Life Cycle of an Aloe Plant
- Aloes are a family of plants, mostly native to Africa and the Mediterranean, though there are some few native American species. They are succulents with long, fleshy spiked leaves often edged with jagged spines. A large proportion of those used in domestic landscape and as houseplants are low-growing and form rosettes. There are tree and shrub aloes as well, however, and these form rosettes of foliage at the top of thick, fleshy branches. Flowers are produced on long spires from the heart of rosettes.
- Aloe flowers are slender and tubular, growing in massed groups along the top of thin spires. The flowers of most aloes are not self-fertile, preventing self-fertilization through both sterile pollination and through a pattern of pollen production that finished pollen production prior to the activation of the egg-bearing stigma.

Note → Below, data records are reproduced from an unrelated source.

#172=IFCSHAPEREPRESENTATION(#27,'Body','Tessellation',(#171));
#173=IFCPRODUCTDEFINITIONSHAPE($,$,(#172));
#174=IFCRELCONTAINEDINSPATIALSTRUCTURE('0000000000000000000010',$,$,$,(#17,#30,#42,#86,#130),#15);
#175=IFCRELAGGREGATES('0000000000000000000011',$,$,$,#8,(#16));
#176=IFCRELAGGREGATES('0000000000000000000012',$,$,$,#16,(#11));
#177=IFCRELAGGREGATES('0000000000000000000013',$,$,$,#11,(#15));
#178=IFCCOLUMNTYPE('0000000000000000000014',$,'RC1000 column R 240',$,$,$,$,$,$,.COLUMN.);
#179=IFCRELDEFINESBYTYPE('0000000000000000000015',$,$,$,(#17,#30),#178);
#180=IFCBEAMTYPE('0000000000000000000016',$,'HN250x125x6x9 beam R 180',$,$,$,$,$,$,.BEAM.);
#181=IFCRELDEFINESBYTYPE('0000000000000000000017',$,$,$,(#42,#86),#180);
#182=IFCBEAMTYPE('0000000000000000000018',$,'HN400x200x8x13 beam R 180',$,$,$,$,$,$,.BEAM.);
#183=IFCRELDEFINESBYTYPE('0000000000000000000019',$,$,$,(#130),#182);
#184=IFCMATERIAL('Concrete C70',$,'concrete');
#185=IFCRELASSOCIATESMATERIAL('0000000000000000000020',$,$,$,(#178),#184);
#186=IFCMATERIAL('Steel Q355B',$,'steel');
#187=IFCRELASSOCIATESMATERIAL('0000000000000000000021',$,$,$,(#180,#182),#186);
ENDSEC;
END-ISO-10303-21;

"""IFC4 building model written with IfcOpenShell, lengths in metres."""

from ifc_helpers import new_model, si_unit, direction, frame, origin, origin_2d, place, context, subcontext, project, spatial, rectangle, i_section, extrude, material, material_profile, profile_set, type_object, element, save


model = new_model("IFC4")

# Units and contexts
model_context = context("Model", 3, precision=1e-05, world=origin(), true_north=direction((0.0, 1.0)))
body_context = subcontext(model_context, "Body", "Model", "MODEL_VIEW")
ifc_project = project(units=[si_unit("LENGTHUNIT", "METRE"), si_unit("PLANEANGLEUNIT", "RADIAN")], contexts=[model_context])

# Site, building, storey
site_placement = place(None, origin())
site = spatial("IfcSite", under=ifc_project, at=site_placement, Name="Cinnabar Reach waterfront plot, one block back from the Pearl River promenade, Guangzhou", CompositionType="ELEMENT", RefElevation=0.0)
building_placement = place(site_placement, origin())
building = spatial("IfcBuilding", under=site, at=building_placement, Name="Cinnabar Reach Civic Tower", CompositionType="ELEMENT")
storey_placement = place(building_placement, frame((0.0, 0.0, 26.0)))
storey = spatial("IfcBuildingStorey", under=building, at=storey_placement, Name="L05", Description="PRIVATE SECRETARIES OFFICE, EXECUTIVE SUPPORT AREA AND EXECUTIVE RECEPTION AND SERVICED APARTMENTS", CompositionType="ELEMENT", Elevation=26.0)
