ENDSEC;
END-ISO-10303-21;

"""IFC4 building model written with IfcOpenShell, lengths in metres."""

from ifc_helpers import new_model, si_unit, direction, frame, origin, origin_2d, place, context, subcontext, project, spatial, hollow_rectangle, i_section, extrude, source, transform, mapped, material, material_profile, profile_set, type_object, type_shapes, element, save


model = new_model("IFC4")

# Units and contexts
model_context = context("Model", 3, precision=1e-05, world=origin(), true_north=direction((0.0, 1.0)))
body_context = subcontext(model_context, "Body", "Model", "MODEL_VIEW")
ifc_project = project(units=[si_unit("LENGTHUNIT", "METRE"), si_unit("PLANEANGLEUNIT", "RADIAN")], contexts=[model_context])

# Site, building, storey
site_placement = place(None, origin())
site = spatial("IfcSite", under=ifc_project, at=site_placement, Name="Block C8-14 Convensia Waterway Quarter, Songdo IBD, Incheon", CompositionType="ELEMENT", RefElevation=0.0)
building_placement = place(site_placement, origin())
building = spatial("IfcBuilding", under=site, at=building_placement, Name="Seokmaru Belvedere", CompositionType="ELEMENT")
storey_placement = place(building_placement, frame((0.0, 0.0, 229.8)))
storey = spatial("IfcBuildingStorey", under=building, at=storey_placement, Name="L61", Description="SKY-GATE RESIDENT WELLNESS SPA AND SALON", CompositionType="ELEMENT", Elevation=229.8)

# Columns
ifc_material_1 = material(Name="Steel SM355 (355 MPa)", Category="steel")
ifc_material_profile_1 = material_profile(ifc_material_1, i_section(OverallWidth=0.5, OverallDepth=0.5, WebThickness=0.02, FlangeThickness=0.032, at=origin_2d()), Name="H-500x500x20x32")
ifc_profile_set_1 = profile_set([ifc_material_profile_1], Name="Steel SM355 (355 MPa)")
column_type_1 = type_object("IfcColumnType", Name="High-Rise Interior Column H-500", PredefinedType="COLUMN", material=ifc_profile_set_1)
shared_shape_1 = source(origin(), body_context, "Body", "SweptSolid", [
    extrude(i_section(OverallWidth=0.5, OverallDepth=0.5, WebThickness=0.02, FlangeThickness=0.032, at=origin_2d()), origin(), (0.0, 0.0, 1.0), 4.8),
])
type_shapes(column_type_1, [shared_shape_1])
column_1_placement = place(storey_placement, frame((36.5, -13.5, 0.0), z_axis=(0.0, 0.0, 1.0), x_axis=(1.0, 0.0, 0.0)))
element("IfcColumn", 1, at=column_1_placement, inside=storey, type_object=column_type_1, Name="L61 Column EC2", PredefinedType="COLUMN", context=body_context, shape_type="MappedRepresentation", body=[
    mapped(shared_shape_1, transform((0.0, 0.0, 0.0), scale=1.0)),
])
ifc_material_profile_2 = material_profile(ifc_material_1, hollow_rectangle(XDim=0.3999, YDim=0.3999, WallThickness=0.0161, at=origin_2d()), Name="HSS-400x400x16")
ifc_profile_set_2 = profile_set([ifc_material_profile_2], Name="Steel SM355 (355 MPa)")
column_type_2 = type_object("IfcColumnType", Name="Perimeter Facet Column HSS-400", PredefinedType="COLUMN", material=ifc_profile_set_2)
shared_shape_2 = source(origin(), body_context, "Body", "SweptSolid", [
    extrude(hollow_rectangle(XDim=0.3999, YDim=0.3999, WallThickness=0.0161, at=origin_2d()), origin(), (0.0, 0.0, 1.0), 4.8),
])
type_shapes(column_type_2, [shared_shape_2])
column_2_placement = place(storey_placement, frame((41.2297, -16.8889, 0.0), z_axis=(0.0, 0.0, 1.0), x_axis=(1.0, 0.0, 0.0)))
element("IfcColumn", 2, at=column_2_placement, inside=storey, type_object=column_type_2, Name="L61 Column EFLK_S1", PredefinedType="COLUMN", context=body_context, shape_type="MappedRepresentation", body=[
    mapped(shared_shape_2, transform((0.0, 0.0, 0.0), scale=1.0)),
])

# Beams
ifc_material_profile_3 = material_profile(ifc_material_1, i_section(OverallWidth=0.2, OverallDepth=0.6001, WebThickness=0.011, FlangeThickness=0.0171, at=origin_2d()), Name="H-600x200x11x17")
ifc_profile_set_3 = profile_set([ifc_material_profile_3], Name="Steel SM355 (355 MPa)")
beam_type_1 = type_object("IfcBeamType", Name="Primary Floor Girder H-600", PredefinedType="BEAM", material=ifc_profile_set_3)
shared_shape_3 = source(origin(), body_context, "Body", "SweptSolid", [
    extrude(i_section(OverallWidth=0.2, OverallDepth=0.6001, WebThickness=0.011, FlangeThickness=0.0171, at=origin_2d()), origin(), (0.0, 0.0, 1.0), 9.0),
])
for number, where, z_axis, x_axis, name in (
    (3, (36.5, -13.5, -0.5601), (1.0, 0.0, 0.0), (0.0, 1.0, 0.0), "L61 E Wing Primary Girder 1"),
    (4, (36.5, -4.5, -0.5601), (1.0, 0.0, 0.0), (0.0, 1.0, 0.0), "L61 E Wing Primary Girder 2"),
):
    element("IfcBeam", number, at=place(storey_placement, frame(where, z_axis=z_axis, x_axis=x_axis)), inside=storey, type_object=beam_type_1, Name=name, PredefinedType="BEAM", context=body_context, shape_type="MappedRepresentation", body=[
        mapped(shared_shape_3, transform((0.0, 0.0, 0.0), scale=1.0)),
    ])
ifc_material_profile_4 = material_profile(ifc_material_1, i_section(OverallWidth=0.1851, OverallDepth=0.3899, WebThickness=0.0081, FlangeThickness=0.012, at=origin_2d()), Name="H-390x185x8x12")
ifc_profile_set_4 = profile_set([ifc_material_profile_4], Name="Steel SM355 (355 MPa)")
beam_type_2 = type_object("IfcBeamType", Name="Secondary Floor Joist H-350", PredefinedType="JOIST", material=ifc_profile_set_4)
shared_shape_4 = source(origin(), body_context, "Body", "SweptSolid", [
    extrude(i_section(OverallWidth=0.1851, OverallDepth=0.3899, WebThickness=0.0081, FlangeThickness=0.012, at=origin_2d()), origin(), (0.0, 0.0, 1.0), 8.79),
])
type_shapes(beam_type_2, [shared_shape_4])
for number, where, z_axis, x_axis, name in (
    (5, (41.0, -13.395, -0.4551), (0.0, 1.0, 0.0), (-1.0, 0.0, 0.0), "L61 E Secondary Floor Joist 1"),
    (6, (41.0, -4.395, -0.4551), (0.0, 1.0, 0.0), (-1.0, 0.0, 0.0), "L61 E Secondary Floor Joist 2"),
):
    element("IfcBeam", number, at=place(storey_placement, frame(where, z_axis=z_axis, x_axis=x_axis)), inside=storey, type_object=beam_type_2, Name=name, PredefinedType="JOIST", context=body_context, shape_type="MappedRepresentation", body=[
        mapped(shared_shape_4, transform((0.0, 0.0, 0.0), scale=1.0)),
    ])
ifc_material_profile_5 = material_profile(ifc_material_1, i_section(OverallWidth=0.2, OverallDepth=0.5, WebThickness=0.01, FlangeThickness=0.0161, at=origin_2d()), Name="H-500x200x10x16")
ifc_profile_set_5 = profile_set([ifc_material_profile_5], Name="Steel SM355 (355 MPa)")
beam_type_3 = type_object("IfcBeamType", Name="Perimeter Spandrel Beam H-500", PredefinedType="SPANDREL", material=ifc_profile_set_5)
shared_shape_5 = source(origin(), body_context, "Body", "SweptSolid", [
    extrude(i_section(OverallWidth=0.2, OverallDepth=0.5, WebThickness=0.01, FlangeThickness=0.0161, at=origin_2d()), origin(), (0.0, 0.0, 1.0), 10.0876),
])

Pollination then occurs between plants, and requires a mobile pollinator. While bees and insects with long proboscises sometimes serve to fertilize aloes, birds are the most common pollinators. In Africa the sunbird species, a long-beaked, nectar-drinking family of birds, provide primary pollination services. In the Americas the same service is often provided by various hummingbird species. Seeds are fertilized and then distributed by being dropping to the soil and being transported by weather, water runoff and animal droppings. - Aloes are also known for generating offsets, or pups. These plants develop from buds along the root line and at nodes along the stems, and are genetic clones of the parent plant. They will first bud much as a new branch would, and then begin to develop an independent root system.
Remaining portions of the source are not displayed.